Good luck and kind regards.

Marc


----------



## Hartmut Richter (Feb 13, 2006)

I would take a toothpick and VERY GENTLY fiddle with the balance wheel without touching the hairspring. The balance should go up and down a bit and wobble even less than that - only enough so that you just notice. If it wobbles too much, the pivot at the dial-side end will be broken. There is no cure for this except a replacement. It would have to be the dial side since you say that the watch runs well enough while dial-up - the back pivot will then be sitting in its jewel and the balance will work in a similar way to a "flying tourbillon" (only hinged at one end).

I hope that the watch will just be totally gummed up dial-side or that an end stone will be missing - broken balance staff pivots are a downright pain and have been the death of many a vintage watch if a suitable replacement can't be found. I have several of that type, unfortunately.

Hartmut Richter


----------



## fkane (Feb 11, 2006)

Thanks Marc and Hartmut,

I spent yesterday taking apart and putting back togeather parts of the watch. (easy apart, painful togeather) I did not remove the balance but did remove the jewl caps and jewls and could see points under. Today I'll revisit with your advice. It was only a One dollar watch but after spending eight hours with it I've become fond of it. I think I'll poke at it first as you suggest Hartmut as I think removal may cause more damage at my level.

Kane


----------



## fkane (Feb 11, 2006)

*Update & Have I Killed It?*

Well I must say, Sunday proved to be quite a learning experience! I poked at the balance wheel and it both tilted and moved up and down. I proceded to remove it to have a look. Long story short, I now have knocked the pallet stones free of the lever and broke the tip off of one, as well as broken the ruby pin off the balance staff. Good news, I can now understand better the chapter "lever escapement, examination and correction" !!

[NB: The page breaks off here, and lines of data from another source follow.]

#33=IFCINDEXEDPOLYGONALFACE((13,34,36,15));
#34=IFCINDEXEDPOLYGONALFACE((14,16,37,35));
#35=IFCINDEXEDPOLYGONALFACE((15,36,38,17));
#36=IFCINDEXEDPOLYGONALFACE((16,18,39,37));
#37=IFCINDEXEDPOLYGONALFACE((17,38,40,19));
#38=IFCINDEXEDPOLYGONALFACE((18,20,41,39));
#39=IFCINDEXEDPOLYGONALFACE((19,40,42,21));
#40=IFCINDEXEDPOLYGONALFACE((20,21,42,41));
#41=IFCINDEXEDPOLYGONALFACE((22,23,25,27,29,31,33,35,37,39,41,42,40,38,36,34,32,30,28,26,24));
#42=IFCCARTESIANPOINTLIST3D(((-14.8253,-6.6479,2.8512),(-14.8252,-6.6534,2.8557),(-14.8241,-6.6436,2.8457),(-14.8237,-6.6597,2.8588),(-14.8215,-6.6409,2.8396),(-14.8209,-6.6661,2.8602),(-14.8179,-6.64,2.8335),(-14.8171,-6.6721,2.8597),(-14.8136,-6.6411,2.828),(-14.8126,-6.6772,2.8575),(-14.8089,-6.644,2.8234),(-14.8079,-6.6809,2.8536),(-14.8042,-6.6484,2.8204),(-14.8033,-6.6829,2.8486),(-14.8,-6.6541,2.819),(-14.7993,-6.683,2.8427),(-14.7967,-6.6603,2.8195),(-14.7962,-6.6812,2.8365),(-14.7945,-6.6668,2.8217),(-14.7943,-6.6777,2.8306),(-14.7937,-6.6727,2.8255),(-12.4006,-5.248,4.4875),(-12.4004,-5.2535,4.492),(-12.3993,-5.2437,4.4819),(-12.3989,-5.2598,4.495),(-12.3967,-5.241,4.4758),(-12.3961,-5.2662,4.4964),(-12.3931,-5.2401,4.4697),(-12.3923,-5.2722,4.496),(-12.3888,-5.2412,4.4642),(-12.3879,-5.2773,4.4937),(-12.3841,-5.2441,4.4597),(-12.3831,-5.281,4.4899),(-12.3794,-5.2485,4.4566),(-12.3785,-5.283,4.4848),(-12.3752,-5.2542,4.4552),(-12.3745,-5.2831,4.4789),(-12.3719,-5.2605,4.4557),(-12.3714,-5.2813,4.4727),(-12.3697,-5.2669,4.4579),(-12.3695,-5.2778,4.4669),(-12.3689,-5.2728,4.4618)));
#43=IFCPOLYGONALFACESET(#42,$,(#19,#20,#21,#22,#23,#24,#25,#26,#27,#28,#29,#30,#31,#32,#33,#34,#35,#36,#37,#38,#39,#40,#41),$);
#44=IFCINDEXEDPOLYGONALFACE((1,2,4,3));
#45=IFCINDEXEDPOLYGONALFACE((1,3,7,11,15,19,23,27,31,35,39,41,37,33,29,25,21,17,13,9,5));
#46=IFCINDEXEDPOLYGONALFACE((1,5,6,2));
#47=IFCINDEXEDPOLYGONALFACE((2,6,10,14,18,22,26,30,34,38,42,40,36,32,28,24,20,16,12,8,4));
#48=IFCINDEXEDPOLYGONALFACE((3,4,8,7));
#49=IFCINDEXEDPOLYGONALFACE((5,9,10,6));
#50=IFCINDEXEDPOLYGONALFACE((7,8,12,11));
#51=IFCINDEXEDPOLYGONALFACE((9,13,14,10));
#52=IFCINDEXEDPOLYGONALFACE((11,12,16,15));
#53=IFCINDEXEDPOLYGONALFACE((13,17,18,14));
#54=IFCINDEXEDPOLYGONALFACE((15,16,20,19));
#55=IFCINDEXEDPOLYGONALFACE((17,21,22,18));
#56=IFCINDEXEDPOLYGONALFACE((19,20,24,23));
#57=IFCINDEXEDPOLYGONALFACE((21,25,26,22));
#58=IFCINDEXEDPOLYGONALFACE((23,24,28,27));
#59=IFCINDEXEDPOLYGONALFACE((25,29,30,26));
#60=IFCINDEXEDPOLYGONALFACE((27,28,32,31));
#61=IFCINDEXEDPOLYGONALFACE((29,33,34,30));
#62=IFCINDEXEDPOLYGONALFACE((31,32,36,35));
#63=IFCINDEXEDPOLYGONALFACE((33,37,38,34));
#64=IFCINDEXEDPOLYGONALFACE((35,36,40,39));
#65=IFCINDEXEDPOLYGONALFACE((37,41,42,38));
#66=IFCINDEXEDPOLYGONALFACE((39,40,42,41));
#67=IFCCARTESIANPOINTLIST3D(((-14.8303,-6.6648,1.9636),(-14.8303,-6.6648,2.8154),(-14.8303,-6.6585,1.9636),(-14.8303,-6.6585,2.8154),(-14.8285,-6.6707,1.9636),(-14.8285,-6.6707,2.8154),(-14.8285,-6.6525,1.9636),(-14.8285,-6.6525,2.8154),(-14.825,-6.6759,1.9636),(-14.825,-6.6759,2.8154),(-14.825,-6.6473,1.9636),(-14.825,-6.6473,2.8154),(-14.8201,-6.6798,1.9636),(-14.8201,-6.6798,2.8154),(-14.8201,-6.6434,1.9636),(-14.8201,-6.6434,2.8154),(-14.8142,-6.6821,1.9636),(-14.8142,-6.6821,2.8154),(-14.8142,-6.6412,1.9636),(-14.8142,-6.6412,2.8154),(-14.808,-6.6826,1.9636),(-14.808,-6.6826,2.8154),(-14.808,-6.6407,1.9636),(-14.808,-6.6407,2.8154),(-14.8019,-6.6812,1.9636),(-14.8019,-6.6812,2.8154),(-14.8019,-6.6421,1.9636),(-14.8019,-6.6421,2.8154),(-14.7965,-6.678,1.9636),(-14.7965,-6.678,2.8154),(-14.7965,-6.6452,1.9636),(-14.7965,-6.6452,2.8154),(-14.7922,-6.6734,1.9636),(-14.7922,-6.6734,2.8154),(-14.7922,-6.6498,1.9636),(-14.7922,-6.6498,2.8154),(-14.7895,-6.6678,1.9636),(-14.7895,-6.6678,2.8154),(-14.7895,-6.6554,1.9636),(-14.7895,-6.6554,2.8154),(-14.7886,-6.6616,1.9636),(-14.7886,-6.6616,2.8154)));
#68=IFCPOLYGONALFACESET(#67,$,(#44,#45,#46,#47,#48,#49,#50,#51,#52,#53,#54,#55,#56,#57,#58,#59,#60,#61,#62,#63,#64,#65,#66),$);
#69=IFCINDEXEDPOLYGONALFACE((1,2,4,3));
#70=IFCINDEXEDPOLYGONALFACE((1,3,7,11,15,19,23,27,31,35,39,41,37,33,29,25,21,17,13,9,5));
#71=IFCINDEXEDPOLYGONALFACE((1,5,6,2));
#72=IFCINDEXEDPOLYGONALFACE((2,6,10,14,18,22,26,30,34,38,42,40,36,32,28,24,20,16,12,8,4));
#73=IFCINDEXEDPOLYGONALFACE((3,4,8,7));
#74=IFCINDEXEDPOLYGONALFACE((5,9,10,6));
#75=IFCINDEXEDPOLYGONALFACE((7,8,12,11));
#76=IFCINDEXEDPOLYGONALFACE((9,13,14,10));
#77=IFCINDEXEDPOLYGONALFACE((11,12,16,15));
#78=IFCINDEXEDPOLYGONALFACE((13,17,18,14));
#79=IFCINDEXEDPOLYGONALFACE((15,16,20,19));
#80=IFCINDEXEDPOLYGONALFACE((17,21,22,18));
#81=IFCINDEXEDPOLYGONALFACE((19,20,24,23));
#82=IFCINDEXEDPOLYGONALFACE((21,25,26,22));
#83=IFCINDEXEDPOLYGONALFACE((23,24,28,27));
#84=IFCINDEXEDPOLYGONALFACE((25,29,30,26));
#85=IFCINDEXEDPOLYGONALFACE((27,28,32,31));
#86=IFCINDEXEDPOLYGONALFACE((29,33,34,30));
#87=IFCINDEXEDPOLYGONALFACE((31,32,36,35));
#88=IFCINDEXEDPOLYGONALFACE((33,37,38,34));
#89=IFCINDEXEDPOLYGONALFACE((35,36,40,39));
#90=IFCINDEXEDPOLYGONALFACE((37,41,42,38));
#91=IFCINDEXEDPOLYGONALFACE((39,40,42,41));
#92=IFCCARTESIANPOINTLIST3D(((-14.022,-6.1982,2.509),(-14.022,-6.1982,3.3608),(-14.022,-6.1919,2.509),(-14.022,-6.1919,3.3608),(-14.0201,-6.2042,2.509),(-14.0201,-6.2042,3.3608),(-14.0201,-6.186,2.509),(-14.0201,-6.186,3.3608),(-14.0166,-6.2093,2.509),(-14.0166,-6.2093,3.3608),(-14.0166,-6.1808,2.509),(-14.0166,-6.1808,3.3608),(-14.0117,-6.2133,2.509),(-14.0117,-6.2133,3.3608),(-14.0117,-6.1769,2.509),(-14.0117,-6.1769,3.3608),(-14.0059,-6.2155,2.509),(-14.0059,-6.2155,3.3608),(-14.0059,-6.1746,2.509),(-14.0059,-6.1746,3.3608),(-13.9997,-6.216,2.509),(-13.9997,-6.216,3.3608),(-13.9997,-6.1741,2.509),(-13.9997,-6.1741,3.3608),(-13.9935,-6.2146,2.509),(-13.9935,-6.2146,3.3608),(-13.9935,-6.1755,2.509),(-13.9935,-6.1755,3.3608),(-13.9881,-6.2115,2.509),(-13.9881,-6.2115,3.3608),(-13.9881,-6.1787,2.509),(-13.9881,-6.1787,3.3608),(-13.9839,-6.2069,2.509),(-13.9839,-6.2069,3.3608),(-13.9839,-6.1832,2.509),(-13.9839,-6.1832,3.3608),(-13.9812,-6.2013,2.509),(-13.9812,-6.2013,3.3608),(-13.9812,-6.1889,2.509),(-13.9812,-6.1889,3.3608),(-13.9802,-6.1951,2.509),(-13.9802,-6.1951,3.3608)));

Now the Question. Should I bag up the watch until my skill advances to replace the stones and pins. Or should I continue the disasembly project to further the learning. I am leaning towards continue since I'm learning a lot and I expect to break many more watches in order to continue to advance. In short, I am not sure what is to be expected of a new person with their first watch.

Thanks

Kane Waltrop


----------



## Valdus (Feb 11, 2006)

*Re: Update & Have I Killed It?*

Now that you broke it, you can take it apart completely and reassemble it and learn how to do it.
Careful not to break something else though.
If you don't have a good feeling of fine mechanics I would suggest you stop here
.


fkane said:


> Well I must say, Sunday proved to be quite a learning experience! I poked at the balance wheel and it both tilted and moved up and down. I proceded to remove it to have a look. Long story short, I now have knocked the pallet stones free of the lever and broke the tip off of one, as well as broken the ruby pin off the balance staff. Good news, I can now understand better the chapter "lever escapement, examination and correction" !!
> 
> Now the Question. Should I bag up the watch until my skill advances to replace the stones and pins. Or should I continue the disasembly project to further the learning. I am leaning towards continue since I'm learning a lot and I expect to break many more watches in order to continue to advance. In short, I am not sure what is to be expected of a new person with their first watch.
> 
> ...


----------



## JohnF (Feb 11, 2006)

*Re: Update & Have I Killed It?*

Hi -

Absolutely keep on going. You've probably killed the watch, but it's now a great practice one. Practice 'till you get the basic disassembly over in just a few minutes, it'll be good practice for the next one you take apart...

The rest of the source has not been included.